The all-party parliamentary group on adult survivors of childhood sexual abuse, which I chair, last week published a report following a six-month investigation into support for adult survivors. Some 89% of survivors told our inquiry that their mental health had been negatively impacted by child sexual abuse, but only 16% said that NHS mental health services met their needs.

Survivors said that they want the specialist voluntary sector to provide them with counselling and support. Our research found that specialist voluntary sector agencies receive, on average, 13% of funding from local authorities and 14.5% from clinical commissioning groups. However, when I asked the Department of Health and Social Care for its assessment of the effectiveness of CCG funding of therapeutic services for survivors, I was shocked to find that it does not even collect data. Does the Minister agree that the Government need to get a grip on the effectiveness of commissioning specialist voluntary sector services and that they should start by collecting the right data?

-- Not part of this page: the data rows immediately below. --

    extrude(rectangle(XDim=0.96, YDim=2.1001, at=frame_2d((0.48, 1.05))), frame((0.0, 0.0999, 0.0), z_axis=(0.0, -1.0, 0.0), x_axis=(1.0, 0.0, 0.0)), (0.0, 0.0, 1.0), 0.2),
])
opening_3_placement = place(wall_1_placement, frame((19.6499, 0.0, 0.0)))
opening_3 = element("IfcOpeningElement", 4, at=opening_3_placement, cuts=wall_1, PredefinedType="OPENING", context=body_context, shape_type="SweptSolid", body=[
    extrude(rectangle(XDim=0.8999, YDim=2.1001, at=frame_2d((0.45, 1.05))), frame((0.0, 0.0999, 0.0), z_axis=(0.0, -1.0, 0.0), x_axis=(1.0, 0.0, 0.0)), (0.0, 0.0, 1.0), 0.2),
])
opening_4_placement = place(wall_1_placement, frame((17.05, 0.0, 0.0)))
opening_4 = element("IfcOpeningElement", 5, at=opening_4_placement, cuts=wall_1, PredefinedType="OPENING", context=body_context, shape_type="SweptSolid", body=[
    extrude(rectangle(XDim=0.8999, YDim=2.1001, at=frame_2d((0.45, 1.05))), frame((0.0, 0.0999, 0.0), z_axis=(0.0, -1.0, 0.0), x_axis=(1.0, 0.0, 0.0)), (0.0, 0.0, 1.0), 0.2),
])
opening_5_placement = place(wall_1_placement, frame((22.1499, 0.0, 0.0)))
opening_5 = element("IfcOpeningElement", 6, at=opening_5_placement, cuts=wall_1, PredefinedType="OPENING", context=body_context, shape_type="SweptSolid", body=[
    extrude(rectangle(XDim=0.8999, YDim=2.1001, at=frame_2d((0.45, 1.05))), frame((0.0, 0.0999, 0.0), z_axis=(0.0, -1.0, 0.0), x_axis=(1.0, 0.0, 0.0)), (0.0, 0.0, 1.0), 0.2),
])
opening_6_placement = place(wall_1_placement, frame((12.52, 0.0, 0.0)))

Survivor after survivor told the APPG of disappointing interactions with NHS staff who were often poorly equipped to respond to disclosures of child sexual abuse and ill-informed about the services they could refer patients to. The Minister needs to ensure that frontline professionals, including GPs, sexual health nurses and social workers, are trained in trauma-informed practice, so that survivors receive a service that is empathetic, empowering and appreciative of the impact of trauma.

Today’s debate is rightly framed around reversing the cuts in public health spending. This is a sorry, short-sighted state to be in. The Health Foundation calculates that an additional £3.2 billion a year must be made available just to reverse the impact of Government cuts to public health services.

The APPG’s inquiry found that as our understanding of the scale of sexual violence and abuse grows, and ever more survivors come forward looking for support, the Government should meet the challenge by launching a nationwide public health campaign that raises awareness of the impact of child sexual abuse on survivors, tackles myths and stereotypes and directs survivors and professionals to information and support. Does the Minister agree that we have a moral duty to provide survivors of sexual abuse with the knowledge they need to make decisions about their own recovery, especially in the absence of knowledgeable professionals and access to public services? Will she therefore lobby the Chancellor to make a serious commitment to ring-fence funding for all sexual and public health services in the next spending review and to make sure that some of the money is dedicated to services and information for victims and survivors of sexual abuse? Any less is a dereliction of duty.